O Banco Central não comenta as conclusões das bets. A entidade disse, no estudo divulgado no último dia 24, que a margem de 15% poderia estar subestimada. Afirmou ainda que os dados de movimentação não consideravam pagamentos feitos com cartão ou TED.
O IBJR diz, por outro lado, que os valores depositados são inflados pelos jogadores que apostam, ganham, sacam o dinheiro e depois o depositam para apostar de novo.
Nesta quinta-feira (3), o governo recuou, por ora, de bloquear o cartão do Bolsa Família para apostas, uma ideia aventada após a divulgação dos dados. A avaliação é a de que é melhor esperar para ver como as medidas já anunciadas pelo Ministério da Fazenda podem impactar o mercado.
Pelos cálculos da LCA, a tributação das casas de apostas antes da reforma tributária ficará em 27% sobre a receita - os custos operacionais, em 58%. Entram na conta PIS/Cofins, ISS, IPRJ, CSLL e uma alíquota adicional de 12% criada pela lei nº 14.790/2023, que regula as bets.
A imposto setorial teria como destinação educação, esporte, segurança pública, seguridade social, turismo e as medidas relacionadas ao setor de jogos - 2,5% dos 12%, por exemplo, teriam como destino a prevenção da dependência em apostas, por trás de relatos de superendividamento de famílias.
Hoje, o setor pressiona o governo para se manter fora do imposto seletivo, aplicado a produtos e serviços nocivos à saúde. Segundo cálculos da Associação Nacional de Jogos e Loterias, a tributação chegaria a 48% da receita se as bets forem incluídas no chamado "imposto do pecado".
Aumentar a tributação sobre os sites de apostas é uma das medidas mencionadas por profissionais de saúde para desincentivar o jogo, porque os custos tributários teriam de ser repassados ao consumidor. Assim, os gastos nessa atividade ficariam mais evidentes para o usuário.
O estudo da LCA também indica que o tamanho total do mercado de apostas deveria ser calculado com base na receita, não no valor total movimentado, que pode variar de R$ 216 bilhões a R$ 249 bilhões, de acordo com o estudo do Banco Central.

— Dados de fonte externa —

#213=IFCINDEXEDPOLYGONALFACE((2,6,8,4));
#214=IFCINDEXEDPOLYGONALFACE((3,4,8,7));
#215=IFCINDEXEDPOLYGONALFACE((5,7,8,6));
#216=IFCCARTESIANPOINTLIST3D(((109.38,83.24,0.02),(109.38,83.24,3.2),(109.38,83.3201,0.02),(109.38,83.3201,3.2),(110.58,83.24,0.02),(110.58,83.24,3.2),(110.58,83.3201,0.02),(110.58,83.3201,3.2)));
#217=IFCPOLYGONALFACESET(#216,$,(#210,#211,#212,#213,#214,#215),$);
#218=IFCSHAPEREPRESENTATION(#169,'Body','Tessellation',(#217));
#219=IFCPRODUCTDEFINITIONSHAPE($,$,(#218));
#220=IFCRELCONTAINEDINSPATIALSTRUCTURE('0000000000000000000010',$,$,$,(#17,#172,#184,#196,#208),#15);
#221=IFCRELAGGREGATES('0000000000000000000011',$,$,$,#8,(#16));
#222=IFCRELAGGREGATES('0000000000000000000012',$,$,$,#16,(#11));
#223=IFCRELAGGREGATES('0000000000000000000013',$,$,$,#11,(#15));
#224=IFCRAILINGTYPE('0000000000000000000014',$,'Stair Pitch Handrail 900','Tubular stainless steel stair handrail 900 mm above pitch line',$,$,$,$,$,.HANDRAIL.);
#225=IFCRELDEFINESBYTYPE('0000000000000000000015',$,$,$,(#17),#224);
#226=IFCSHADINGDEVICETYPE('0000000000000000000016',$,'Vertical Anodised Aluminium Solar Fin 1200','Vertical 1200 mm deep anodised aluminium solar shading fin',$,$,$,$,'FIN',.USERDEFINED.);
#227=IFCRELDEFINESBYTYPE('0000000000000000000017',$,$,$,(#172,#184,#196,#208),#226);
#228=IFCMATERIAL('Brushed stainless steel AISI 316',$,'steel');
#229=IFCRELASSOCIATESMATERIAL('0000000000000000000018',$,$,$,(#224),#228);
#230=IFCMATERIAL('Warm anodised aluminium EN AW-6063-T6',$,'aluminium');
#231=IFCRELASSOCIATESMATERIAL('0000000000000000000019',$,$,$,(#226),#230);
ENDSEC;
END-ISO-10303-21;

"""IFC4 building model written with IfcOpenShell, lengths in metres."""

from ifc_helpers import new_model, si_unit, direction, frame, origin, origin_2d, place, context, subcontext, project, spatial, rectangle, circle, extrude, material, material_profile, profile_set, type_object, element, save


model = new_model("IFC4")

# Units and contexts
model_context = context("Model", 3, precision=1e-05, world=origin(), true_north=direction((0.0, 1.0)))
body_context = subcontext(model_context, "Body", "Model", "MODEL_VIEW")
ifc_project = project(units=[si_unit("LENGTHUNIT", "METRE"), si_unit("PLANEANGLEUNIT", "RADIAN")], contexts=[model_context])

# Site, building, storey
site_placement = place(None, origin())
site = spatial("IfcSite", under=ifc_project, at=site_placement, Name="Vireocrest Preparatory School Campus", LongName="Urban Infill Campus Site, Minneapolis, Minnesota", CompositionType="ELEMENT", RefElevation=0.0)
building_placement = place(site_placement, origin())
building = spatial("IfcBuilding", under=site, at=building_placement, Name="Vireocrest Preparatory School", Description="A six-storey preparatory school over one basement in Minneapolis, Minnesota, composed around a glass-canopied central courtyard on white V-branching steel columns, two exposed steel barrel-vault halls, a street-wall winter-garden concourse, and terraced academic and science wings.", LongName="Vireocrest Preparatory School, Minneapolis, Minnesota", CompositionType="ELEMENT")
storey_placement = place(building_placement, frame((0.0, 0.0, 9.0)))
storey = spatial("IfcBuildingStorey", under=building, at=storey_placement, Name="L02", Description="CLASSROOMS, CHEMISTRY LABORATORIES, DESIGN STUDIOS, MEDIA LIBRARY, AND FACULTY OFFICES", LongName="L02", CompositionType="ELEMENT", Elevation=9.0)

Por isso, o mercado seria avaliado em algo entre R$ 34,9 bilhões, de acordo com a margem do Banco Central, e R$ 16,3 bilhões, segundo a margem de 7% dita pelas bets.
Nesse cálculo, o valor destinado a bets ficaria entre 0,1% e 0,3% do consumo das famílias. A LCA afirma que cinema, teatro e fotografia, entre outras atividades da economia criativa e da cultura, representam 10,8% dos gastos familiares hoje, com base em estudo do Itaú.